Core Concepts
Poseidon is an open framework that provides a standardized data format, software tools, and public archives to enable FAIR handling of archaeogenetic human genotype data.
Abstract
The study of ancient human genomes has accelerated in the last decade, with thousands of new ancient genomes being released each year. However, there is a lack of infrastructure to handle the rich context data (e.g., spatiotemporal provenience) that accompanies ancient samples, as well as a lack of standardized archives for derived genotype data used in most archaeogenetic studies.

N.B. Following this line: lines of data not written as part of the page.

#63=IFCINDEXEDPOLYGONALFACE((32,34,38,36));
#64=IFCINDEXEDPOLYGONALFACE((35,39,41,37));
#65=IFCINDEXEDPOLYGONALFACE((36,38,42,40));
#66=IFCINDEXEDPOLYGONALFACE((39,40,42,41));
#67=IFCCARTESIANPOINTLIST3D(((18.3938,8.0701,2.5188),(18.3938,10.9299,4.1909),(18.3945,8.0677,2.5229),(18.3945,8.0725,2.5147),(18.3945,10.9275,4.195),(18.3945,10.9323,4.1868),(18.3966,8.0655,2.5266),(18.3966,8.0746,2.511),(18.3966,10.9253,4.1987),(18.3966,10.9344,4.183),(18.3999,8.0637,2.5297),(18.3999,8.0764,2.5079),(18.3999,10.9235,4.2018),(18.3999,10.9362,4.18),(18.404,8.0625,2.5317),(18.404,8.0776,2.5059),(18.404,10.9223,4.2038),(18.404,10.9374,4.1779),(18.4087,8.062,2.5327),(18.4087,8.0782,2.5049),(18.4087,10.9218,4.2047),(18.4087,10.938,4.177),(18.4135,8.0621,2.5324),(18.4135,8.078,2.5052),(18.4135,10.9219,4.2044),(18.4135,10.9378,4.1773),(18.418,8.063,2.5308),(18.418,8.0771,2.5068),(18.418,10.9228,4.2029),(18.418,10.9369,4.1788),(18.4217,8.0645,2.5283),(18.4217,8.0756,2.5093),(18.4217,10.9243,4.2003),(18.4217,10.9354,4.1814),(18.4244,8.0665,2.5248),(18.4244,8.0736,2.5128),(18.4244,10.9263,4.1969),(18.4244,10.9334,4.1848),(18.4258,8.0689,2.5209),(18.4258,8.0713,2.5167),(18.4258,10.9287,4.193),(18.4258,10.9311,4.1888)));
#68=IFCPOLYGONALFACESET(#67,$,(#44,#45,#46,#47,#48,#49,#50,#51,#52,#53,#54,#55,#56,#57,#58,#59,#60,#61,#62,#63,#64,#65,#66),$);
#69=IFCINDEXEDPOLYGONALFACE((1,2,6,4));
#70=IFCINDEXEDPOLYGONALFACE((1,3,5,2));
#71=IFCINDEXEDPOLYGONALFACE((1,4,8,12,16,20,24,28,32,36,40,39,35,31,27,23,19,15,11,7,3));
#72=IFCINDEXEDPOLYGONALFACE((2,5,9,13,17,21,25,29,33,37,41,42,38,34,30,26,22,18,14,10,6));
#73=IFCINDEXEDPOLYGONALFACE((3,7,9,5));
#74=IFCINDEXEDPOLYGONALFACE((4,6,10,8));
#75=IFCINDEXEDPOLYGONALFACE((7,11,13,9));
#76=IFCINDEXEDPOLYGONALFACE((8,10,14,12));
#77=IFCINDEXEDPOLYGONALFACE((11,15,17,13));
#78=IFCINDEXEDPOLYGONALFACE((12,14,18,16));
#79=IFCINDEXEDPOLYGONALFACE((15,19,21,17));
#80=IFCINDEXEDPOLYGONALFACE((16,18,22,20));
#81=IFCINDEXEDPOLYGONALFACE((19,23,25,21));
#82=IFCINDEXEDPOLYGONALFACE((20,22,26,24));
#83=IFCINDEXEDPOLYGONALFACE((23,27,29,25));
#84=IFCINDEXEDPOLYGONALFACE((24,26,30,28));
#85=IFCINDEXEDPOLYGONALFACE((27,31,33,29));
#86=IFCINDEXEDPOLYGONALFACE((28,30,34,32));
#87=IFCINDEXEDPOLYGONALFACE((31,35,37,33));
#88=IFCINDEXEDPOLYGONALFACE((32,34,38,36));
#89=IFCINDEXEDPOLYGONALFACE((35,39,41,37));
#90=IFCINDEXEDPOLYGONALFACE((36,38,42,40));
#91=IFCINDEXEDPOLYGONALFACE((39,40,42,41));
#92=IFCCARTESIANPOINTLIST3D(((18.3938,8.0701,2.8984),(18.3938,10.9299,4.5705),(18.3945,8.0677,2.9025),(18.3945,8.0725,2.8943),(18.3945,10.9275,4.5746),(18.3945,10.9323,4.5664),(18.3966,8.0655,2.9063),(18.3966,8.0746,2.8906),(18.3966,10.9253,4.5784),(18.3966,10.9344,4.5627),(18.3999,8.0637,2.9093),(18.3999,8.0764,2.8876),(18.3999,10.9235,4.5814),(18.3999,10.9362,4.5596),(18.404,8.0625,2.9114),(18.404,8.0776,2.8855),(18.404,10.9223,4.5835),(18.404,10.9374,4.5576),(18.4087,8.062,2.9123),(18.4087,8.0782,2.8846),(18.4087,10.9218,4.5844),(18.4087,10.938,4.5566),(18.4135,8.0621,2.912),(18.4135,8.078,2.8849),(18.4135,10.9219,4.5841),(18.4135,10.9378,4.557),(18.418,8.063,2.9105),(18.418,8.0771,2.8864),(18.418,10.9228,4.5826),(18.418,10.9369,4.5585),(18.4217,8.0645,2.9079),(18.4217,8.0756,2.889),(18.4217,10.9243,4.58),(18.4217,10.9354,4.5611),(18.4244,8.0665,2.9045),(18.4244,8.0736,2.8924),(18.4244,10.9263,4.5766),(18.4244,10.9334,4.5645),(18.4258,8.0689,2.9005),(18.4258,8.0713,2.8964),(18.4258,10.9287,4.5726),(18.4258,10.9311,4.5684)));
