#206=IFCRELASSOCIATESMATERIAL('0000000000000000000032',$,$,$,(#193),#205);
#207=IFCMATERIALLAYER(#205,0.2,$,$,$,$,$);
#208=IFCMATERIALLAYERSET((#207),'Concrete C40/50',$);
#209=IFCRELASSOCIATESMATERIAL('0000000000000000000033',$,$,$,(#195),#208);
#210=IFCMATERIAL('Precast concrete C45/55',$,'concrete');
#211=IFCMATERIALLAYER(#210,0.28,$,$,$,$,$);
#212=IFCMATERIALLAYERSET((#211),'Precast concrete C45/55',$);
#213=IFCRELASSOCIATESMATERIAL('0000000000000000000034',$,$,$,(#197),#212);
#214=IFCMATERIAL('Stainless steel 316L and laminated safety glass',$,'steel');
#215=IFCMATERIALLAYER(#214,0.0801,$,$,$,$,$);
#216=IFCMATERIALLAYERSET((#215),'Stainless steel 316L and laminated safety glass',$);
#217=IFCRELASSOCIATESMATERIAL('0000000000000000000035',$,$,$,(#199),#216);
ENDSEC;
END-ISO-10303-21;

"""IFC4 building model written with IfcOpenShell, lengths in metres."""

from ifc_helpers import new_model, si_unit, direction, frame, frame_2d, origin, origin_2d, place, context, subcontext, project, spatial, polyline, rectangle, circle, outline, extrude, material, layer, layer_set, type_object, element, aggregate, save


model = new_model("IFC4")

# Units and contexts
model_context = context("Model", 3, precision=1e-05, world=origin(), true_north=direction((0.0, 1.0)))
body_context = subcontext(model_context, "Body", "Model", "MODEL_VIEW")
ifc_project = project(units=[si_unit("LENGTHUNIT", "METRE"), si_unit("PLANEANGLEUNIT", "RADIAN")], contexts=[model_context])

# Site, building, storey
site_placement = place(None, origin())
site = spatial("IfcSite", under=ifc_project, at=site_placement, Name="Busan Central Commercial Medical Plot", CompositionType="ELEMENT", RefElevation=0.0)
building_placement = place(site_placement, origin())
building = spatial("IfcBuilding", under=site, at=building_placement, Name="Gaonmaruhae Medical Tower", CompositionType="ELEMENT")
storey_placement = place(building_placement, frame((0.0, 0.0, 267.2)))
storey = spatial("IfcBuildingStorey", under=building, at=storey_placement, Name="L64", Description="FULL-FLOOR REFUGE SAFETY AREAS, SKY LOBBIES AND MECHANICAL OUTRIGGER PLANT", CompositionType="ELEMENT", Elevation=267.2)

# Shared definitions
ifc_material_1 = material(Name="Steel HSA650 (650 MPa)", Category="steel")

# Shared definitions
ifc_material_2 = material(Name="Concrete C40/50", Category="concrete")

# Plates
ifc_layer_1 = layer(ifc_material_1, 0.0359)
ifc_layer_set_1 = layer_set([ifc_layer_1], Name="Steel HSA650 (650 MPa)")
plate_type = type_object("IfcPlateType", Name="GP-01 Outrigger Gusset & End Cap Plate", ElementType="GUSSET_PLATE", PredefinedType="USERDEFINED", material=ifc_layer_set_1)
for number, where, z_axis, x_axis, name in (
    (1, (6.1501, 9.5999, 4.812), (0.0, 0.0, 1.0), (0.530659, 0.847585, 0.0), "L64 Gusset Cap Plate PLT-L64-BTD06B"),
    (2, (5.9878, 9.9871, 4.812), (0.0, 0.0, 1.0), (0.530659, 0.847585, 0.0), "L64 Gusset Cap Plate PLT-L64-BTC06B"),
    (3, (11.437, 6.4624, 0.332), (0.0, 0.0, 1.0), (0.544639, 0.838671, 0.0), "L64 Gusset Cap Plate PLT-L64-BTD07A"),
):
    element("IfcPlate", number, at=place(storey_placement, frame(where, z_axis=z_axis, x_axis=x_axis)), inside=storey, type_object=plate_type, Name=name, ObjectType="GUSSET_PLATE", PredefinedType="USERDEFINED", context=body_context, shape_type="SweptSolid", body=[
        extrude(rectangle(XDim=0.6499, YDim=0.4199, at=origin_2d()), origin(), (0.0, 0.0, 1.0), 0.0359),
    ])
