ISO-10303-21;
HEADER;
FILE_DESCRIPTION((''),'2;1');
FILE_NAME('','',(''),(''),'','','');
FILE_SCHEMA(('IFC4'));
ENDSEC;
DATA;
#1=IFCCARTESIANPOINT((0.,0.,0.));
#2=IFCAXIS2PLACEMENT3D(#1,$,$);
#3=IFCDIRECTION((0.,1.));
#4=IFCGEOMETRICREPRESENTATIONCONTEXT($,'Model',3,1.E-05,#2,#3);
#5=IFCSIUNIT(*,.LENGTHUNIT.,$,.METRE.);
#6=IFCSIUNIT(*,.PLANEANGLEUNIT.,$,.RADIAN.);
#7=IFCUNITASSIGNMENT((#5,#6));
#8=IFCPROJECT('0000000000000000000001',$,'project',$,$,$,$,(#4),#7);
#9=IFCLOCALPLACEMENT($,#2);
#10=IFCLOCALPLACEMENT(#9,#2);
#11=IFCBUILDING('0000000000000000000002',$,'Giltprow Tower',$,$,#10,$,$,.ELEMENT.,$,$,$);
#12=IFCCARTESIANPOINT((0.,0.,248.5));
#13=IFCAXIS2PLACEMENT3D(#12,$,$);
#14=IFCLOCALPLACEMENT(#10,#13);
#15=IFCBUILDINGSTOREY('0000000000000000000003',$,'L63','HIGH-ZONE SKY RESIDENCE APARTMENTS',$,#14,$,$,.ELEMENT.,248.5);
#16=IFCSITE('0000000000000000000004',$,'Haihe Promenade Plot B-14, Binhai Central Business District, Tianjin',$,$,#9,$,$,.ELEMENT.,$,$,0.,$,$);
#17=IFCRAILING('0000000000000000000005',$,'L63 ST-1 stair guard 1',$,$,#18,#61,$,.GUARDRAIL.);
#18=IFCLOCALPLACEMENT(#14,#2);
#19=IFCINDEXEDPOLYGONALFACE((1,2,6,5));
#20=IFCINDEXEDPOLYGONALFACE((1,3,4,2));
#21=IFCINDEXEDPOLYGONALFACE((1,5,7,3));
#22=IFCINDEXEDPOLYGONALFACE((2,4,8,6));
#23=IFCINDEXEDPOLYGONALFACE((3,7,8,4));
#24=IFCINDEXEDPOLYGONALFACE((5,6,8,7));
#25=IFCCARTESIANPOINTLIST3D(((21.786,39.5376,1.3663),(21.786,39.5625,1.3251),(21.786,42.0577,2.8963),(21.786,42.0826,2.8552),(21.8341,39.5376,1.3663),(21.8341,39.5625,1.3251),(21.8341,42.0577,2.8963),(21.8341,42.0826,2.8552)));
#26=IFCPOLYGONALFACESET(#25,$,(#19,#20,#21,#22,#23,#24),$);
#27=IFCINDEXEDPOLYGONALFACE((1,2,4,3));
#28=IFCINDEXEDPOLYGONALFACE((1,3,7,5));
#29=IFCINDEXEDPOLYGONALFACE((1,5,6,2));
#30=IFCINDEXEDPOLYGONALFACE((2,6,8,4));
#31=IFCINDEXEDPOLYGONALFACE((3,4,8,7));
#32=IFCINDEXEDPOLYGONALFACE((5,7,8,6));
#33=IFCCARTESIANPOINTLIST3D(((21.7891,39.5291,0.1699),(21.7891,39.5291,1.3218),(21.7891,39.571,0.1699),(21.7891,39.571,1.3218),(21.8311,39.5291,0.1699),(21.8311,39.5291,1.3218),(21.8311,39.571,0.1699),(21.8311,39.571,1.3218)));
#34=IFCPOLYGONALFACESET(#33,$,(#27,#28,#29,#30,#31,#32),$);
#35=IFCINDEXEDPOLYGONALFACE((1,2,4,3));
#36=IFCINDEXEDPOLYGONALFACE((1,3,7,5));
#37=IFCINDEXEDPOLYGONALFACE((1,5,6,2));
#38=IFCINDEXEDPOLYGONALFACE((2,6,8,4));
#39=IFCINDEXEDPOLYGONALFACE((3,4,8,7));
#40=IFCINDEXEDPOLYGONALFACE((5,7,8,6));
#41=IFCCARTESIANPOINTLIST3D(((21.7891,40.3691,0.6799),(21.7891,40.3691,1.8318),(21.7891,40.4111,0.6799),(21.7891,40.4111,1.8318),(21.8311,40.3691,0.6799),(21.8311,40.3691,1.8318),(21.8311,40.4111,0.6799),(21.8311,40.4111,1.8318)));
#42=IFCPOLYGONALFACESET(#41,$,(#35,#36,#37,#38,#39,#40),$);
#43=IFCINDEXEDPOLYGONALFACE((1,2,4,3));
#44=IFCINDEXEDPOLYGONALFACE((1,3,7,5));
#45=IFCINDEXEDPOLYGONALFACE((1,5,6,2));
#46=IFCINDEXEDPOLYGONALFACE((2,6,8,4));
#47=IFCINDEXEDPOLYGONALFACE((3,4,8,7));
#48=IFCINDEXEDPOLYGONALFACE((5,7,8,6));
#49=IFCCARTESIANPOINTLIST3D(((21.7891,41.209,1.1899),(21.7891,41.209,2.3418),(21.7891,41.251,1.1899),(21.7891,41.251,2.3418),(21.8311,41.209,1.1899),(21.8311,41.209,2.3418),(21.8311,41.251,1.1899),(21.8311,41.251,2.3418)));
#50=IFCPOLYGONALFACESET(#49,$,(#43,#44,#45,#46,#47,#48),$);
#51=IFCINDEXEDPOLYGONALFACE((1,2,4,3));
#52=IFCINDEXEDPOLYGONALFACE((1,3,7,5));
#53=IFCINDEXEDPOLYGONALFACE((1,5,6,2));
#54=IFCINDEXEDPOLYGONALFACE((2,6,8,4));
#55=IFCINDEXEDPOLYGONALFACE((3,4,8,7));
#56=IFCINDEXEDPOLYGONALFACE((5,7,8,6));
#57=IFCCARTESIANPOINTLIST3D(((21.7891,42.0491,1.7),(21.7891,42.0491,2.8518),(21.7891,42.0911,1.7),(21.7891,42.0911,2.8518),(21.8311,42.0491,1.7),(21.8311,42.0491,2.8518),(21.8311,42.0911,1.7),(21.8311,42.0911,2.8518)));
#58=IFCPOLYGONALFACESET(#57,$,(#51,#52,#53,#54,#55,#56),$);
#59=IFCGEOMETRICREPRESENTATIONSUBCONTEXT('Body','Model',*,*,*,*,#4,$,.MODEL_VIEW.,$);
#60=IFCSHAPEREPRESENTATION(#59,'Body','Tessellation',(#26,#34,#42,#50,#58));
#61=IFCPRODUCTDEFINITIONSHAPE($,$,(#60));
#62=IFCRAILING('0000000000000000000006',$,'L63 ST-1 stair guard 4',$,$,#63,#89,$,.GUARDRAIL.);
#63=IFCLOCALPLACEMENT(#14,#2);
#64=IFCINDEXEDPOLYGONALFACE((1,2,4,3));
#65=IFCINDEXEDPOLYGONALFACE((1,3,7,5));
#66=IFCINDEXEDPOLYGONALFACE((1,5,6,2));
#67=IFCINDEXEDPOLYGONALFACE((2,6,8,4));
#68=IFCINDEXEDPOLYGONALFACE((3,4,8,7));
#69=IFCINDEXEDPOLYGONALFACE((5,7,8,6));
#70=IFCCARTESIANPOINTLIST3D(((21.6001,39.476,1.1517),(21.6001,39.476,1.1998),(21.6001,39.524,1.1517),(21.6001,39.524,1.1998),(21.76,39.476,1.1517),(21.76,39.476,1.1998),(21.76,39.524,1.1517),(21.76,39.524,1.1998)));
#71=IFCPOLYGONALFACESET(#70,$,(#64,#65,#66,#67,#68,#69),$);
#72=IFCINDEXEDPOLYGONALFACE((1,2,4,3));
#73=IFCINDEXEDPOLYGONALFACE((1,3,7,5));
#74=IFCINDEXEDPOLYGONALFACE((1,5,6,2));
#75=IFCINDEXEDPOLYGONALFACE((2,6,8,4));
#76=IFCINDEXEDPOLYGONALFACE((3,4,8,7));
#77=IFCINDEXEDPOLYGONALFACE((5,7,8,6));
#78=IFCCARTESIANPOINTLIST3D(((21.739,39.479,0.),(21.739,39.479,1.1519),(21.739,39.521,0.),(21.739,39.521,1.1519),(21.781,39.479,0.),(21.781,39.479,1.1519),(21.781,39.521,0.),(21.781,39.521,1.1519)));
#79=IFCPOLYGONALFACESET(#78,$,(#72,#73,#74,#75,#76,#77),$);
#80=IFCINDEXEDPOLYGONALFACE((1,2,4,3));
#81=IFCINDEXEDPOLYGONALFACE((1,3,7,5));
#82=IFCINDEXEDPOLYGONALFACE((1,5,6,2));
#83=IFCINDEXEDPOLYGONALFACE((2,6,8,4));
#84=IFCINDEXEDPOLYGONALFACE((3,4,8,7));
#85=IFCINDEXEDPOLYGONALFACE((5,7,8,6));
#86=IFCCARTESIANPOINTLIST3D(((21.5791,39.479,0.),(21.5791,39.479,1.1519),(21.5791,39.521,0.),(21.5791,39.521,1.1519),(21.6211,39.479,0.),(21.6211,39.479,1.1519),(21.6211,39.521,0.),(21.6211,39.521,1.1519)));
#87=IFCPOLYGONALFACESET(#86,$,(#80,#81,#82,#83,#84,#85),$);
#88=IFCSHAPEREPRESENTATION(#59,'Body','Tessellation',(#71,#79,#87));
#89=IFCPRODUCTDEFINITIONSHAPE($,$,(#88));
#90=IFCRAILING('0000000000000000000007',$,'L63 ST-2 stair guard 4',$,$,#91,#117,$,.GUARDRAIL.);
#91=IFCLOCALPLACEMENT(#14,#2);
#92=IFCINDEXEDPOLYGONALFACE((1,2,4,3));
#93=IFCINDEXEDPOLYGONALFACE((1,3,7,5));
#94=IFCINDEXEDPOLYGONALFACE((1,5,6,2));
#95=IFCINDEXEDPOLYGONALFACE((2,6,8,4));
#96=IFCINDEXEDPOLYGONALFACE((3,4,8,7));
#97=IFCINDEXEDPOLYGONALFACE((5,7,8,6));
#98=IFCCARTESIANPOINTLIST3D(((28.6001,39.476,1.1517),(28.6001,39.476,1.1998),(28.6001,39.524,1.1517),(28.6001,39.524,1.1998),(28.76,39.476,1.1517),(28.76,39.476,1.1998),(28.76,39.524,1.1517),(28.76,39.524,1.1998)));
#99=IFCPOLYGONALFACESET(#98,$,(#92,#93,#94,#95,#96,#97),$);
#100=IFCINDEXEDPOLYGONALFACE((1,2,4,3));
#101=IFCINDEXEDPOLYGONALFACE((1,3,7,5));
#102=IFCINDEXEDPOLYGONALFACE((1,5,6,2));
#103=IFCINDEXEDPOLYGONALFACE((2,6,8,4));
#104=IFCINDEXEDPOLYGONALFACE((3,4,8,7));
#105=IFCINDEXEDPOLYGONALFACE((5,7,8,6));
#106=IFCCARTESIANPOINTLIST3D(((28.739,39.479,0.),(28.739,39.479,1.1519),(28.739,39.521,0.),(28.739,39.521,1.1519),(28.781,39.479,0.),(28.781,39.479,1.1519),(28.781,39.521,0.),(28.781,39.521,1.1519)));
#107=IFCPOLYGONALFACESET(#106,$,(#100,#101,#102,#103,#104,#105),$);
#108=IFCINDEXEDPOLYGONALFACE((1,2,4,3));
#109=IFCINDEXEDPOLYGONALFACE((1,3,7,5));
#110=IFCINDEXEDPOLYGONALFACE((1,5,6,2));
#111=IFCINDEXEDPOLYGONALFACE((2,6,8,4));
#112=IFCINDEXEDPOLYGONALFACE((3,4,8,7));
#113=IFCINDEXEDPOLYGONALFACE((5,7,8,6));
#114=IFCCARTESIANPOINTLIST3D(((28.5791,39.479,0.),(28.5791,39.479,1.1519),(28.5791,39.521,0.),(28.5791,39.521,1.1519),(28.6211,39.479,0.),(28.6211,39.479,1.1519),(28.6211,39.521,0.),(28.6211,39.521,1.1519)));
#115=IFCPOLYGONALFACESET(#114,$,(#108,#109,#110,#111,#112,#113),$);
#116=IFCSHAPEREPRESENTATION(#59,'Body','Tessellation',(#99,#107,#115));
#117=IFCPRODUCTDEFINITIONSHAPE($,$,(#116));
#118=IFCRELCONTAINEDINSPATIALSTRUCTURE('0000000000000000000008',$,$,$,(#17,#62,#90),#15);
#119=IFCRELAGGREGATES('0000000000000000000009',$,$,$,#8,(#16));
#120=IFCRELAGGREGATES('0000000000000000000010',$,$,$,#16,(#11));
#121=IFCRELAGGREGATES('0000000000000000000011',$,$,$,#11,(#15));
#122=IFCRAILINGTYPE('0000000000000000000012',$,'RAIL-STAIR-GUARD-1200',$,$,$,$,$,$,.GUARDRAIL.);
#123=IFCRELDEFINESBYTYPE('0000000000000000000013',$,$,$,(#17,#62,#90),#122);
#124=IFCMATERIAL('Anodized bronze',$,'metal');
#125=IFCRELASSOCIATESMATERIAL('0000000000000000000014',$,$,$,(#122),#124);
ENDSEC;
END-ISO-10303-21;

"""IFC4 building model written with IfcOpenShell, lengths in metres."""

from ifc_helpers import new_model, si_unit, direction, frame, origin, origin_2d, place, context, subcontext, project, spatial, rectangle, extrude, material, type_object, element, save


model = new_model("IFC4")

# Units and contexts
model_context = context("Model", 3, precision=1e-05, world=origin(), true_north=direction((0.0, 1.0)))
body_context = subcontext(model_context, "Body", "Model", "MODEL_VIEW")
ifc_project = project(units=[si_unit("LENGTHUNIT", "METRE"), si_unit("PLANEANGLEUNIT", "RADIAN")], contexts=[model_context])

# Site, building, storey
site_placement = place(None, origin())
site = spatial("IfcSite", under=ifc_project, at=site_placement, Name="Haihe Promenade Plot B-14, Binhai Central Business District, Tianjin", CompositionType="ELEMENT", RefElevation=0.0)
building_placement = place(site_placement, origin())
building = spatial("IfcBuilding", under=site, at=building_placement, Name="Giltprow Tower", CompositionType="ELEMENT")
storey_placement = place(building_placement, frame((0.0, 0.0, 248.5)))
storey = spatial("IfcBuildingStorey", under=building, at=storey_placement, Name="L63", Description="HIGH-ZONE SKY RESIDENCE APARTMENTS", CompositionType="ELEMENT", Elevation=248.5)

# Railings
ifc_material_1 = material(Name="Anodized bronze", Category="metal")
railing_type = type_object("IfcRailingType", Name="RAIL-STAIR-GUARD-1200", PredefinedType="GUARDRAIL", material=ifc_material_1)
railing_placement = place(storey_placement, frame((21.8101, 39.55, 0.1699)))
element("IfcRailing", 1, at=railing_placement, inside=storey, type_object=railing_type, Name="L63 ST-1 stair guard 1", PredefinedType="GUARDRAIL", context=body_context, shape_type="SweptSolid", body=[
    extrude(rectangle(XDim=0.0481, YDim=0.0481, at=origin_2d()), frame((0.0, 0.0, 1.1758), z_axis=(0.0, 0.854785, 0.518982), x_axis=(-1.0, 0.0, 0.0)), (0.0, 0.0, 1.0), 2.9482),
    extrude(rectangle(XDim=0.042, YDim=0.042, at=origin_2d()), origin(), (0.0, 0.0, 1.0), 1.1519),
    extrude(rectangle(XDim=0.042, YDim=0.042, at=origin_2d()), frame((0.0, 0.8401, 0.51)), (0.0, 0.0, 1.0), 1.1519),
    extrude(rectangle(XDim=0.042, YDim=0.042, at=origin_2d()), frame((0.0, 1.6799, 1.02)), (0.0, 0.0, 1.0), 1.1519),
    extrude(rectangle(XDim=0.042, YDim=0.042, at=origin_2d()), frame((0.0, 2.52, 1.53)), (0.0, 0.0, 1.0), 1.1519),
])
for number, where, name in (
    (2, (21.76, 39.5, 0.0), "L63 ST-1 stair guard 4"),
    (3, (28.76, 39.5, 0.0), "L63 ST-2 stair guard 4"),
):
    element("IfcRailing", number, at=place(storey_placement, frame(where)), inside=storey, type_object=railing_type, Name=name, PredefinedType="GUARDRAIL", context=body_context, shape_type="SweptSolid", body=[
        extrude(rectangle(XDim=0.0481, YDim=0.0481, at=origin_2d()), frame((0.0, 0.0, 1.1758), z_axis=(-1.0, 0.0, 0.0), x_axis=(0.0, -1.0, 0.0)), (0.0, 0.0, 1.0), 0.1599),
        extrude(rectangle(XDim=0.042, YDim=0.042, at=origin_2d()), origin(), (0.0, 0.0, 1.0), 1.1519),
        extrude(rectangle(XDim=0.042, YDim=0.042, at=origin_2d()), frame((-0.1599, 0.0, 0.0)), (0.0, 0.0, 1.0), 1.1519),
    ])

save(model, "model.ifc")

To address these issues, the Poseidon framework was developed, which consists of three main components:
A data format (the Poseidon package) to store genotype data together with context information in a structured, human- and machine-readable format.

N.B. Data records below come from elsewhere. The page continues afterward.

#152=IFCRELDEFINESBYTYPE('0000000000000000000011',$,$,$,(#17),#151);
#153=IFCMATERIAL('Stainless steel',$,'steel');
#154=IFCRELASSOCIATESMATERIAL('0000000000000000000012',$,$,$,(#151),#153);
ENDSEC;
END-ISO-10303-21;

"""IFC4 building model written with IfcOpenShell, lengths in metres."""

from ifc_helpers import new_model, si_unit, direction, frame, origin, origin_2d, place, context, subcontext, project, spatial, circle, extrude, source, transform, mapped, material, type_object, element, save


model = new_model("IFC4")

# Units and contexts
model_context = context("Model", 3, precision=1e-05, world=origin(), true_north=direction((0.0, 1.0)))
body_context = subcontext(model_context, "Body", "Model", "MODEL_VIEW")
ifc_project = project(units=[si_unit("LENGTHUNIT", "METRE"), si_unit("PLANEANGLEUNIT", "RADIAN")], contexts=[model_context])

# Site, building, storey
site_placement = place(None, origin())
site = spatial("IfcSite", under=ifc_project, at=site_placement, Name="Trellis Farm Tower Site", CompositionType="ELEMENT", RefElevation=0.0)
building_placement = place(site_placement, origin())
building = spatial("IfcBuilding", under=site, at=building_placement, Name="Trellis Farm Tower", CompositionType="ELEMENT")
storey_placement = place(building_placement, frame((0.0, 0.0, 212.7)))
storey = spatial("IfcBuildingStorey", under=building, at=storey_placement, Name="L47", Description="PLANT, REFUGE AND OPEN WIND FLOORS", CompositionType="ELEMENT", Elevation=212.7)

Software tools, such as trident for data management, xerxes for data analysis, and qjanno for querying context data, that work with the Poseidon package format.
Public archives (the Poseidon Community Archive, Poseidon Minotaur Archive, and Poseidon AADR Archive) that store and maintain Poseidon packages, enabling community-driven data sharing and curation.
The Poseidon framework aims to simplify data storage, acquisition, analysis, and publication in the field of human archaeogenetics, ensuring FAIR data handling and promoting computational reproducibility. The modular design allows for flexible adoption, from using the package format locally to contributing to the public archives.
Stats
"Archaeogenetic samples can only be effectively analysed with context data."
"Recently, the threshold of genome-wide data for 10,000 ancient human individuals has been surpassed."
"Poseidon features public archives with per-article packages that can be downloaded through an open web API."
Quotes
"To make all this new data publicly available, researchers can partly rely on existing infrastructure for the archival and distribution of modern genetic data, such as the Sequence Read Archive (SRA) [11], the European Nucleotide Archive (ENA) [12] or other INSDC databases (https://www.insdc.org). However, this infrastructure has not been prepared to also capture the rich context-data ranging from archaeological field observations to radiocarbon dating that accompanies ancient samples."
"Poseidon emphasises human- and machine-readable data storage, the development of convenient and interoperable command line software, and a high degree of source granularity to elevate the original data publication to the main unit of long-term curation."